Today was second time I have noticed that problem. My dash camera resets it's selft judjiju by time/date. Also it stops recording new videos. Only last 30 seconds. I had it set up for 3 minutes loops. Another time when it happened, It seemed to help.
If anyone has this issue, please respond with correct solution. Thank you!

SD card that I use is Samsung 64gb Evo.


----------



## CharlieZ (Jul 24, 2017)

Check the Events folder, see if missing cottages are there. If so your g shock sensor is set too light, I.e. Minor vibrations are treated as a bump event.

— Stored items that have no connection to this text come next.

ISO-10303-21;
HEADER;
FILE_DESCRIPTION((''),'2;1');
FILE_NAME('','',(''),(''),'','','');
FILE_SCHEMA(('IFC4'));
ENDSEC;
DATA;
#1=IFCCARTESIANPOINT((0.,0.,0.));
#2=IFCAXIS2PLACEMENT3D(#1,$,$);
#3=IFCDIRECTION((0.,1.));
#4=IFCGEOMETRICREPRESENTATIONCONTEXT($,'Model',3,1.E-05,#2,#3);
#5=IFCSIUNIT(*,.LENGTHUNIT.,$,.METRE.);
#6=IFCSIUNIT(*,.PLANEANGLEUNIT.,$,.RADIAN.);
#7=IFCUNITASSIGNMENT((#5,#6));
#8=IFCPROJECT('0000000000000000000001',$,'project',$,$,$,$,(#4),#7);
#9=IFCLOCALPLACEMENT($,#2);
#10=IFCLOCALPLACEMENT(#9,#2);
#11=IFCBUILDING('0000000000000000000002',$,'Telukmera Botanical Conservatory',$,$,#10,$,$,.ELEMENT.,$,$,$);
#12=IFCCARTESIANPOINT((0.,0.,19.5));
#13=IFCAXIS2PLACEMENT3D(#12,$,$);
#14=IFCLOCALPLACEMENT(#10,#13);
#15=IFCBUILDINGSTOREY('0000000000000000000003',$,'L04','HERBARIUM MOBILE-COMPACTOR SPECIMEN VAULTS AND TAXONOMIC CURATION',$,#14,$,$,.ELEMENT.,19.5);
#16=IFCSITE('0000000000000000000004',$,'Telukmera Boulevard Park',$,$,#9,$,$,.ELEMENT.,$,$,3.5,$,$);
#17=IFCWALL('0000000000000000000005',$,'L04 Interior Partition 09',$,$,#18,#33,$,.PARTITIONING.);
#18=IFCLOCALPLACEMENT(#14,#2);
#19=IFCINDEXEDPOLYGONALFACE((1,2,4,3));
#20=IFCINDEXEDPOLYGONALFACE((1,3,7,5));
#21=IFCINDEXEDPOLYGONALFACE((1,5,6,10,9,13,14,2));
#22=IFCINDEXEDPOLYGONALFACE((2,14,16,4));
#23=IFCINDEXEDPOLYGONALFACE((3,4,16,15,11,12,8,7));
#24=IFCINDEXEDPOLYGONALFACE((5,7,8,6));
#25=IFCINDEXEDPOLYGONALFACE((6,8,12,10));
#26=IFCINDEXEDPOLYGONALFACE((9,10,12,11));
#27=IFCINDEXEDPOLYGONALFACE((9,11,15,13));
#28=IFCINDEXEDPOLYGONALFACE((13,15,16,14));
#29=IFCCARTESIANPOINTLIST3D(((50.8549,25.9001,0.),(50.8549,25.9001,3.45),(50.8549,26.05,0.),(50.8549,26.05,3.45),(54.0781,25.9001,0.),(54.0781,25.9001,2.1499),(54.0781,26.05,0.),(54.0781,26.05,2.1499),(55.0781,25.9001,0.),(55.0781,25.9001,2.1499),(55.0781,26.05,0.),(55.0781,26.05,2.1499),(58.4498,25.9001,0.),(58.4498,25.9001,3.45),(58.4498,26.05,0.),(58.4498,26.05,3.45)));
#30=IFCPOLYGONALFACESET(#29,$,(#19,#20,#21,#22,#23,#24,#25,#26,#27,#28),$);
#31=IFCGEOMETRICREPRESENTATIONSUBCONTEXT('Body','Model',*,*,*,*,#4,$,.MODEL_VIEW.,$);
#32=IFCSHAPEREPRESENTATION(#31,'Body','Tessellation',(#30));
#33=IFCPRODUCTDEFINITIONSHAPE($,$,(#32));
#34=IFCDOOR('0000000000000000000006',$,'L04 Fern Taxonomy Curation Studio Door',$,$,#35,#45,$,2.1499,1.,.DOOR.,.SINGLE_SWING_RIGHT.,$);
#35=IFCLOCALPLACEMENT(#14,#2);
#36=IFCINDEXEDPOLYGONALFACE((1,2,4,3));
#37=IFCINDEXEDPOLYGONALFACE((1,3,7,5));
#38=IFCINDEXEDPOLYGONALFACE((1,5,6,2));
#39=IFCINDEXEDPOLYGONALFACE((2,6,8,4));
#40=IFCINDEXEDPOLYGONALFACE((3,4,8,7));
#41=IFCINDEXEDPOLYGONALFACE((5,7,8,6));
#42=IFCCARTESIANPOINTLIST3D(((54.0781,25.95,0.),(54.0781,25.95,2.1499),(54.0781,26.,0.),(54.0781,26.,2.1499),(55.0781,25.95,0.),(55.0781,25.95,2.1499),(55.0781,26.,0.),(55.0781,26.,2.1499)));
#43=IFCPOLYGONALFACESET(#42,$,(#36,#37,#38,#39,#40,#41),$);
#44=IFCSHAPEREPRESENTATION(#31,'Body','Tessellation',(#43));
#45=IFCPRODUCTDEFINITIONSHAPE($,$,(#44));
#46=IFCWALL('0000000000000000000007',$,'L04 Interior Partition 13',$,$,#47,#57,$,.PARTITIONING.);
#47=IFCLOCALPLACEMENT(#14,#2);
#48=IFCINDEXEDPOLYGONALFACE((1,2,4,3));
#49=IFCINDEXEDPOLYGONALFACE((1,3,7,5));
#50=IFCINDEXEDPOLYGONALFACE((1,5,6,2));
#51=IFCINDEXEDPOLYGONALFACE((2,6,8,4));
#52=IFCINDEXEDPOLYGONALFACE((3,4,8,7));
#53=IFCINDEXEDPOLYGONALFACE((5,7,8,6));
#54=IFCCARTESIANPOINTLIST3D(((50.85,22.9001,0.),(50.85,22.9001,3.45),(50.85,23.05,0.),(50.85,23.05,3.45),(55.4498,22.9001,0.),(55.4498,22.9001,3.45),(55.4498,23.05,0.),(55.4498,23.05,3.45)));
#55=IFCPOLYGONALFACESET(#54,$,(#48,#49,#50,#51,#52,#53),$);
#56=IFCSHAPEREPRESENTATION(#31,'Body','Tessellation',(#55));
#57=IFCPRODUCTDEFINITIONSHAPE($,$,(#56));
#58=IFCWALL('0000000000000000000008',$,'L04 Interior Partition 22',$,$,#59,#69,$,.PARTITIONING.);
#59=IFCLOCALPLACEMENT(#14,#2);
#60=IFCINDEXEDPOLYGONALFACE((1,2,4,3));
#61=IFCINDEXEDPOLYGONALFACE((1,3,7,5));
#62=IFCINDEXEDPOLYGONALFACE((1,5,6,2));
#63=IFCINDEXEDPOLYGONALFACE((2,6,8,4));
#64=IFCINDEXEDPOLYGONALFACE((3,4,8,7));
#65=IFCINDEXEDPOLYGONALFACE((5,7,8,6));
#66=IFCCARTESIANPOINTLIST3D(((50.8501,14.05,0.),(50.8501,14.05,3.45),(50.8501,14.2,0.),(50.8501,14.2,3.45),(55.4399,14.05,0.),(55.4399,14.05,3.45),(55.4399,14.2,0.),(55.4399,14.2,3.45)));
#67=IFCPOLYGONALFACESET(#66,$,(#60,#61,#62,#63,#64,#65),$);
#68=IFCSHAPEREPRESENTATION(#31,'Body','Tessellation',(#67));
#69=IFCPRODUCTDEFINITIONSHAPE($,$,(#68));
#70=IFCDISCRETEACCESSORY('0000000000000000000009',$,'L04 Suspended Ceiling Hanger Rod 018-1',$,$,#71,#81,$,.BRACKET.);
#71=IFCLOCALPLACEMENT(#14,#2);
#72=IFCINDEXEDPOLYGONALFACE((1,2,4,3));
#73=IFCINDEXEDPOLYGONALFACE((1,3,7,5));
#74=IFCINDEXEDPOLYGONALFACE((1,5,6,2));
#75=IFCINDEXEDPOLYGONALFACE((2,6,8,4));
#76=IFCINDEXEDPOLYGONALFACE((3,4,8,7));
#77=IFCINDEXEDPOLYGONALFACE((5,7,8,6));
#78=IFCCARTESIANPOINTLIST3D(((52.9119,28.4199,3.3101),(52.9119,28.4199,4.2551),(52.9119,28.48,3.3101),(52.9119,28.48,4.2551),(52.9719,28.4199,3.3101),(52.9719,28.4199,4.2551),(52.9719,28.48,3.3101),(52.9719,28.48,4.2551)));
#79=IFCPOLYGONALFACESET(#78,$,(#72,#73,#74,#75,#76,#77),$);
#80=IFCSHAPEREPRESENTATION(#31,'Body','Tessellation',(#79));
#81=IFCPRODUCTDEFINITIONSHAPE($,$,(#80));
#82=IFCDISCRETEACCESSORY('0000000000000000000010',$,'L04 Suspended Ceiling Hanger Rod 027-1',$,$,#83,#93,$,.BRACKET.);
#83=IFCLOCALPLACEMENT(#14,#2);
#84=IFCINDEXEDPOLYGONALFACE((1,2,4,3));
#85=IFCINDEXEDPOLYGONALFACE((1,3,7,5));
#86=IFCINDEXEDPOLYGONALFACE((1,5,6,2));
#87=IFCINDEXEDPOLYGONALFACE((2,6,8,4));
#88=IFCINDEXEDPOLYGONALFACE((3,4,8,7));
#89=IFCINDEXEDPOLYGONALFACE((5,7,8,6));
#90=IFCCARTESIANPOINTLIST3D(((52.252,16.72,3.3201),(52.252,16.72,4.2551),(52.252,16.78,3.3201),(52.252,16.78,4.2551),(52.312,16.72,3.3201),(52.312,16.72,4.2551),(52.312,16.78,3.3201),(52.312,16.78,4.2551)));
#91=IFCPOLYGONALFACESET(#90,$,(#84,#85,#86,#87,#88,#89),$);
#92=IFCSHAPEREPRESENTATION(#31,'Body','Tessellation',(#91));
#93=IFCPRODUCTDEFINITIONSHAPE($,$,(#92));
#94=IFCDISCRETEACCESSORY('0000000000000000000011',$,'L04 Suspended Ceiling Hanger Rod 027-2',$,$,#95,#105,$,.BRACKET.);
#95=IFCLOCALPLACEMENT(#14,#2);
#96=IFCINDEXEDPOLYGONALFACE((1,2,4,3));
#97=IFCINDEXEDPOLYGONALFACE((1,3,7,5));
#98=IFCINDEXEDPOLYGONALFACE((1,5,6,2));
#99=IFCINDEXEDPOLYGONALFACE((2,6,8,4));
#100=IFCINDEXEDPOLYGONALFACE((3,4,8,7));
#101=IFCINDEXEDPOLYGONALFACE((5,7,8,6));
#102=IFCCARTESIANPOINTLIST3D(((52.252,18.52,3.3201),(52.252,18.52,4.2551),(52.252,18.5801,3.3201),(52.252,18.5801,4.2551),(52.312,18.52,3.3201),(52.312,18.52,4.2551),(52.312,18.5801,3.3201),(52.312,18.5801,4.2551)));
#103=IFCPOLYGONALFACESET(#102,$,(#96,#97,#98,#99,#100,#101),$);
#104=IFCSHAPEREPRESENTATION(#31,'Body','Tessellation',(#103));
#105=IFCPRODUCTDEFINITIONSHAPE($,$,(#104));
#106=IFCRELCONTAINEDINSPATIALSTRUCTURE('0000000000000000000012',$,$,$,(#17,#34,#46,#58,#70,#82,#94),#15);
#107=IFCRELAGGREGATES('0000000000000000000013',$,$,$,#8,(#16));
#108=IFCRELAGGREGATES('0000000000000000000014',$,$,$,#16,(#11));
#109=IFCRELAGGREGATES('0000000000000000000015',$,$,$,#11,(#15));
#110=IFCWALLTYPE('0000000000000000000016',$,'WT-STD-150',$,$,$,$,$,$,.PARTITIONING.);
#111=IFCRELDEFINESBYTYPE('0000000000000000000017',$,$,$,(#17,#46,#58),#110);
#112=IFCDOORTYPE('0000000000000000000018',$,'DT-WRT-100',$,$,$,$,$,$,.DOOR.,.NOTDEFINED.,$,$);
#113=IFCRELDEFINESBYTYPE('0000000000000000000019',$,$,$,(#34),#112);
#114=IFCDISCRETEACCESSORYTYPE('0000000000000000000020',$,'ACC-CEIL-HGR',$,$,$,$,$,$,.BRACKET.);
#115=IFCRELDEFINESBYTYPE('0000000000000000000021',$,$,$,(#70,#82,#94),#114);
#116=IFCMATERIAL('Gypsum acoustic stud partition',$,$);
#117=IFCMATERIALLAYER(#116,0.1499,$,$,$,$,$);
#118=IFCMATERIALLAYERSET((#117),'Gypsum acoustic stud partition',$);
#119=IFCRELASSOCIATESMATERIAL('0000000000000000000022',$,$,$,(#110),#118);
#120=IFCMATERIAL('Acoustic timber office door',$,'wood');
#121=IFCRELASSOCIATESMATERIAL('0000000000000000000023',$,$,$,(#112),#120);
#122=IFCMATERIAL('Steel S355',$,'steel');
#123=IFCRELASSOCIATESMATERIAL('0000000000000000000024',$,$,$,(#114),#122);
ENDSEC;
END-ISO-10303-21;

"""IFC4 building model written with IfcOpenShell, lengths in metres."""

from ifc_helpers import new_model, si_unit, direction, frame, frame_2d, origin, origin_2d, place, context, subcontext, project, spatial, rectangle, extrude, material, layer, layer_set, type_object, element, fill, save


model = new_model("IFC4")

# Units and contexts
model_context = context("Model", 3, precision=1e-05, world=origin(), true_north=direction((0.0, 1.0)))
body_context = subcontext(model_context, "Body", "Model", "MODEL_VIEW")
ifc_project = project(units=[si_unit("LENGTHUNIT", "METRE"), si_unit("PLANEANGLEUNIT", "RADIAN")], contexts=[model_context])

# Site, building, storey
site_placement = place(None, origin())
site = spatial("IfcSite", under=ifc_project, at=site_placement, Name="Telukmera Boulevard Park", CompositionType="ELEMENT", RefElevation=3.5)
building_placement = place(site_placement, origin())
building = spatial("IfcBuilding", under=site, at=building_placement, Name="Telukmera Botanical Conservatory", CompositionType="ELEMENT")
storey_placement = place(building_placement, frame((0.0, 0.0, 19.5)))
storey = spatial("IfcBuildingStorey", under=building, at=storey_placement, Name="L04", Description="HERBARIUM MOBILE-COMPACTOR SPECIMEN VAULTS AND TAXONOMIC CURATION", CompositionType="ELEMENT", Elevation=19.5)

# Wall, opening, door
ifc_material_1 = material(Name="Gypsum acoustic stud partition")
ifc_layer_1 = layer(ifc_material_1, 0.1499)
ifc_layer_set_1 = layer_set([ifc_layer_1], Name="Gypsum acoustic stud partition")
wall_type_1 = type_object("IfcWallType", Name="WT-STD-150", PredefinedType="PARTITIONING", material=ifc_layer_set_1)
wall_1_placement = place(storey_placement, frame((50.855, 25.9751, 0.0), z_axis=(0.0, 0.0, 1.0), x_axis=(1.0, 0.0, 0.0)))
wall_1 = element("IfcWall", 1, at=wall_1_placement, inside=storey, type_object=wall_type_1, Name="L04 Interior Partition 09", PredefinedType="PARTITIONING", context=body_context, shape_type="SweptSolid", body=[
    extrude(rectangle(XDim=7.595, YDim=0.1499, at=frame_2d((3.7974, 0.0))), origin(), (0.0, 0.0, 1.0), 3.45),
])
opening_placement = place(wall_1_placement, frame((3.2231, 0.0, 0.0)))
opening = element("IfcOpeningElement", 2, at=opening_placement, cuts=wall_1, PredefinedType="OPENING", context=body_context, shape_type="SweptSolid", body=[
    extrude(rectangle(XDim=1.0, YDim=2.1499, at=frame_2d((0.5, 1.075))), frame((0.0, 0.085, 0.0), z_axis=(0.0, -1.0, 0.0), x_axis=(1.0, 0.0, 0.0)), (0.0, 0.0, 1.0), 0.1699),
])
ifc_material_2 = material(Name="Acoustic timber office door", Category="wood")
door_type = type_object("IfcDoorType", Name="DT-WRT-100", OperationType="NOTDEFINED", PredefinedType="DOOR", material=ifc_material_2)
door_placement = place(opening_placement, origin())
door = element("IfcDoor", 3, at=door_placement, inside=storey, type_object=door_type, Name="L04 Fern Taxonomy Curation Studio Door", OperationType="SINGLE_SWING_RIGHT", OverallHeight=2.1499, OverallWidth=1.0, PredefinedType="DOOR", context=body_context, shape_type="SweptSolid", body=[
    extrude(rectangle(XDim=1.0, YDim=2.1499, at=frame_2d((0.5, 1.075))), frame((0.0, 0.0249, 0.0), z_axis=(0.0, -1.0, 0.0), x_axis=(1.0, 0.0, 0.0)), (0.0, 0.0, 1.0), 0.05),
])
fill(opening, door)

# Walls
wall_2_placement = place(storey_placement, frame((50.8501, 22.9751, 0.0), z_axis=(0.0, 0.0, 1.0), x_axis=(1.0, 0.0, 0.0)))
element("IfcWall", 4, at=wall_2_placement, inside=storey, type_object=wall_type_1, Name="L04 Interior Partition 13", PredefinedType="PARTITIONING", context=body_context, shape_type="SweptSolid", body=[
    extrude(rectangle(XDim=4.5999, YDim=0.1499, at=frame_2d((2.2998, 0.0))), origin(), (0.0, 0.0, 1.0), 3.45),
])
wall_3_placement = place(storey_placement, frame((50.8501, 14.125, 0.0), z_axis=(0.0, 0.0, 1.0), x_axis=(1.0, 0.0, 0.0)))
element("IfcWall", 5, at=wall_3_placement, inside=storey, type_object=wall_type_1, Name="L04 Interior Partition 22", PredefinedType="PARTITIONING", context=body_context, shape_type="SweptSolid", body=[
    extrude(rectangle(XDim=4.5898, YDim=0.1499, at=frame_2d((2.2949, 0.0))), origin(), (0.0, 0.0, 1.0), 3.45),
])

I just got mine too and still reading about it online.


----------



## Robkaaa (Nov 25, 2015)

G-sensor is OFF. I've checked everywhere. This issue appears every once in a while. I just don't know why. 


CharlieZ said:


> Check the Events folder, see if missing cottages are there. If so your g shock sensor is set too light, I.e. Minor vibrations are treated as a bump event.
> 
> I just got mine too and still reading about it online.


----------



## estore009 (Oct 14, 2017)

Change a new memory card or give it a test your memory card with tool T2testw!


----------